Non è di poca importanza a uno principe la elezione de’ ministri: e quali sono buoni o no secondo la prudenzia del principe. E la prima coniettura che si fa del cervello di uno signore, è vedere li huomini che lui ha d’intorno; e quando e’ sono sufficienti e fedeli, si può sempre reputarlo savio, perché ha saputo conoscerli sufficienti e mantenerli fedeli; ma, quando sieno altrimenti, sempre si può fare non buono iudizio di lui: perché el primo errore che fa, lo fa in questa elezione […] Quando tu vedi el ministro pensare più a sè che a te e che in tutte le azioni vi ricerca drento l’utile suo, questo tale così fatto mai sia buono ministro, mai te ne potrai fidare: perché quello che ha lo stato d’uno in mano, non debbe pensare mai a sè, ma sempre al principe, e non li ricordare mai cosa che non appartenga a lui. E dall’altro canto, el principe, per mantenerlo buono, debba pensare al ministro, onorandolo, faccendolo ricco, obligandoselo, participandoli li onori ed i carichi, acciò che vegga che non può stare sanza lui, e che gli assai onori non li faccino desiderare più ricchezze, gli assai carichi li faccino temere le mutazioni. Quando dunque e ministri, e li principi circa e ministri, sono così fatti, possono confidare l’uno dell’altro, e quando altrimenti, sempre il fine sia dannoso o per l’uno o per l’altro.36

Nel capitolo seguente, Machiavelli raccomanda al Principe di fuggire dagli adulatori e di cercare il consiglio di uomini saggi e sempre pronti a dirgli la verità. Di fronte al quesito se sia meglio averne numerosi, o ne basti uno solo “prudentissimo”, la risposta è che, in fin de’ conti, l’unico fattore che fa la differenza è la saggezza dello stesso Principe:

E perché molti esistimano che alcuno principe, el quale dà di sé opinione di prudente, sia così tenuto non per sua natura, ma per li buoni consigli che lui ha d’intorno, sanza dubbio s’ingannano. Perché questa è una regola generale che non falla mai: che uno principe, il quale non sia savio per se stesso, non può essere consigliato bene, se già a sorte non si rimettessi in uno solo che al tutto lo governassi, che fussi uomo prudentissimo. In questo caso, potria bene essere, ma durerebbe poco, perché quello governatore in breve tempo li torrebbe lo stato; ma, consigliandosi con più d’uno, uno principe che non sia savio, non arà mai e consigli uniti, nè saprà per se stesso unirli; de’ consiglieri ciascuno penserà alla proprietà sua: lui non li saprà correggere né conoscere. E non si possono trovare altrimenti; perché li uomini sempre ti riusciranno tristi, se da una necessità non sono fatti buoni.
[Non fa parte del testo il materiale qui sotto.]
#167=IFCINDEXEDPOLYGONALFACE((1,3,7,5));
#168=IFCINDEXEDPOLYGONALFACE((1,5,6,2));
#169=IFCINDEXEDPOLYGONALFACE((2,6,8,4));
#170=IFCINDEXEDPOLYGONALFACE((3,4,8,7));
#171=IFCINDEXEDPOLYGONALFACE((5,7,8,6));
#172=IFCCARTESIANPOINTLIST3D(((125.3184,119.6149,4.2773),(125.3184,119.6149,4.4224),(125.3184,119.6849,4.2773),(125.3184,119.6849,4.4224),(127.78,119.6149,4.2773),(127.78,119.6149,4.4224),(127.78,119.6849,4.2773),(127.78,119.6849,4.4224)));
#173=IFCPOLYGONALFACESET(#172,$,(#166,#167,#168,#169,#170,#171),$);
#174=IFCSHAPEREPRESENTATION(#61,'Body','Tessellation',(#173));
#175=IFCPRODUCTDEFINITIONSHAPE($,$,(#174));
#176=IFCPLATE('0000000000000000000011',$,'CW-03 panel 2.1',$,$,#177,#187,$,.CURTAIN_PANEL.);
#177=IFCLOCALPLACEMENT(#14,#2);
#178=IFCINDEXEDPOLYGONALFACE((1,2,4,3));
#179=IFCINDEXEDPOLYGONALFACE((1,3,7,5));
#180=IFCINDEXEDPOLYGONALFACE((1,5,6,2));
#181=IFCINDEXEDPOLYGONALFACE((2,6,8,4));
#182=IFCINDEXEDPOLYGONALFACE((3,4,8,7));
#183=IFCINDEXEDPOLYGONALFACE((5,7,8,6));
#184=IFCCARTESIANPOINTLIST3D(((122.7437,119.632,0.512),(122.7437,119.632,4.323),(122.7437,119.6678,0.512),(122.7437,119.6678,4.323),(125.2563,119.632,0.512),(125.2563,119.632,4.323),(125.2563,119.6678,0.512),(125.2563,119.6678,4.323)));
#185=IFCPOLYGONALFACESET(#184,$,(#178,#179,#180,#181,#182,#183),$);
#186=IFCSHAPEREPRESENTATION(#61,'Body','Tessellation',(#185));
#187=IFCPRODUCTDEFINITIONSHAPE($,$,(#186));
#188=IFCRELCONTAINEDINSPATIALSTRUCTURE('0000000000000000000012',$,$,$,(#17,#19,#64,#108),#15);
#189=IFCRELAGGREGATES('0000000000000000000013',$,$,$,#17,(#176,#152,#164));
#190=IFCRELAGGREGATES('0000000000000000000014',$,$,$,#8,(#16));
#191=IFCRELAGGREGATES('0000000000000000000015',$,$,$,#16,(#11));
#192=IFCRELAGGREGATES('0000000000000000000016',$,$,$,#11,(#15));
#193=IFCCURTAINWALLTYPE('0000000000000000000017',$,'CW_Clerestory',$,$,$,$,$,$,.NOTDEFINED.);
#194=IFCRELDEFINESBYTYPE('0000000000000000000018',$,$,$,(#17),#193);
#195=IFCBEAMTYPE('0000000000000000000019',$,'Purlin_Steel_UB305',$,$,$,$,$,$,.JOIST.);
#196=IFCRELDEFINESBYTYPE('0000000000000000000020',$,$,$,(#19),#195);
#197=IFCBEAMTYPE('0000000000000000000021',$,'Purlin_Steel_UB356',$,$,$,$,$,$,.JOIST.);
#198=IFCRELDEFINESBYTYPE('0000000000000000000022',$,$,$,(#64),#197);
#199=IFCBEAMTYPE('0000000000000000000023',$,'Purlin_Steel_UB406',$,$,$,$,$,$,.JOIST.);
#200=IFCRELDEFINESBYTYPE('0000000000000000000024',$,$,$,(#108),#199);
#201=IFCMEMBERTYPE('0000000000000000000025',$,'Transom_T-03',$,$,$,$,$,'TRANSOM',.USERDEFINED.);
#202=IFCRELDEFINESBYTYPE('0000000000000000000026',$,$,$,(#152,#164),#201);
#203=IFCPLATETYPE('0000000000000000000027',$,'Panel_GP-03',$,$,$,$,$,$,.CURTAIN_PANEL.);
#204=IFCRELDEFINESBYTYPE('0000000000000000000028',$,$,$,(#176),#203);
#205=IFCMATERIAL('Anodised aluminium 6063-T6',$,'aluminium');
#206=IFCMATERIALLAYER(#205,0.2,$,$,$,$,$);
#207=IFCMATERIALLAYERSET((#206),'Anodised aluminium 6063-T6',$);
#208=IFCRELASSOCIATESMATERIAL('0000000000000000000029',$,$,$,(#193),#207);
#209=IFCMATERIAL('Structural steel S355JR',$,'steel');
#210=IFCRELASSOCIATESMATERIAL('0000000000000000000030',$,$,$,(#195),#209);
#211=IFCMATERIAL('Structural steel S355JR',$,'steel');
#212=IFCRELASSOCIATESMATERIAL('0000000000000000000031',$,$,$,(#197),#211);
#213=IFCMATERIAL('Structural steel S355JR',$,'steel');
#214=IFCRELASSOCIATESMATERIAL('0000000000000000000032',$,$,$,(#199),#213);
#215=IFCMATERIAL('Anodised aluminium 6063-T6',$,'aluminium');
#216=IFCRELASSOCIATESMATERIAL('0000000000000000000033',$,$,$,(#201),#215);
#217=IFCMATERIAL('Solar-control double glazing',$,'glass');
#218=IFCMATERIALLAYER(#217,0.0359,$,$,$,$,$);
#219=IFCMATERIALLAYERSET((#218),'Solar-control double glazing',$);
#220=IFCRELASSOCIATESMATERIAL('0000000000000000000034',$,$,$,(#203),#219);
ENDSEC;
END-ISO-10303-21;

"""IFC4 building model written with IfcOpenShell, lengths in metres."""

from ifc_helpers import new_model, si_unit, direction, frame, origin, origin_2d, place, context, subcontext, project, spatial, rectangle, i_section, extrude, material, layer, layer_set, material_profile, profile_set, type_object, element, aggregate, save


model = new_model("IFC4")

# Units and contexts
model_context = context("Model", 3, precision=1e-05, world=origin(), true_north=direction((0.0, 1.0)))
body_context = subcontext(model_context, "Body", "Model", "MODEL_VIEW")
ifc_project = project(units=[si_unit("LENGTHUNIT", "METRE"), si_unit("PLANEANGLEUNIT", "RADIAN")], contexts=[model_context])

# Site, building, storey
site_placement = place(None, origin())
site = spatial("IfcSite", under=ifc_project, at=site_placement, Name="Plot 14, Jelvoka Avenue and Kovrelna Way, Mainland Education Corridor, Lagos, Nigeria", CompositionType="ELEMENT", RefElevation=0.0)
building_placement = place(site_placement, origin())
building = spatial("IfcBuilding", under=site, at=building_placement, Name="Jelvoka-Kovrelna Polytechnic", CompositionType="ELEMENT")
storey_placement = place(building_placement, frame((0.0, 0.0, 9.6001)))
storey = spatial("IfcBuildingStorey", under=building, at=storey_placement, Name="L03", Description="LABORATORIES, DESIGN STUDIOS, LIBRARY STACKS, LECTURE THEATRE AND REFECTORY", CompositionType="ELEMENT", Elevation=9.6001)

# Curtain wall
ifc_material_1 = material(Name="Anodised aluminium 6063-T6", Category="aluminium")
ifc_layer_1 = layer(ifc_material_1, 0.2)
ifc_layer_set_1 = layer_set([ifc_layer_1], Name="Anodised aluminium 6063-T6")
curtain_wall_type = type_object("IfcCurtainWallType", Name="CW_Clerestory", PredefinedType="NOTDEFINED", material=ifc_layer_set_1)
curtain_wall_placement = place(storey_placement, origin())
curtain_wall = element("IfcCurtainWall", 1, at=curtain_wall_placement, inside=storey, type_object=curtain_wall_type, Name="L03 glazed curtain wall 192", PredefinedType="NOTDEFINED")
Però si conclude, che li buoni consigli, da qualunque venghino, conviene naschino dalla prudenzia del principe, e non la prudenzia del principe da’ buoni consigli.37

Il concetto espresso da Machiavelli risulta dunque chiaro: il principe è il primo responsabile della buona o cattiva amministrazione del regno, anche laddove gli eventuali errori e manchevolezze siano compiuti dai ministri che agiscono per suo conto e che sono stati da lui stesso scelti.

36 N.Machiavelli, Il Principe, edizione a cura di Luigi Russo, Firenze 1965, pp. 180-181.

37 Ivi, p. 184. Nell’opera di Furió risulta evidente, oltre all’influenza del Principe, anche quella del Cortegiano di

Baldassarre Castiglione, tradotto per la prima volta in castigliano nel 1534. Al riguardo, si veda D’Ascia, Fadrique

Furió Ceriol consigliere del principe nella Spagna di Filippo II, cit.; P. Burke, The Fortunes of the Courtier: the European Reception of Castiglione’s Cortegiano, London 1990.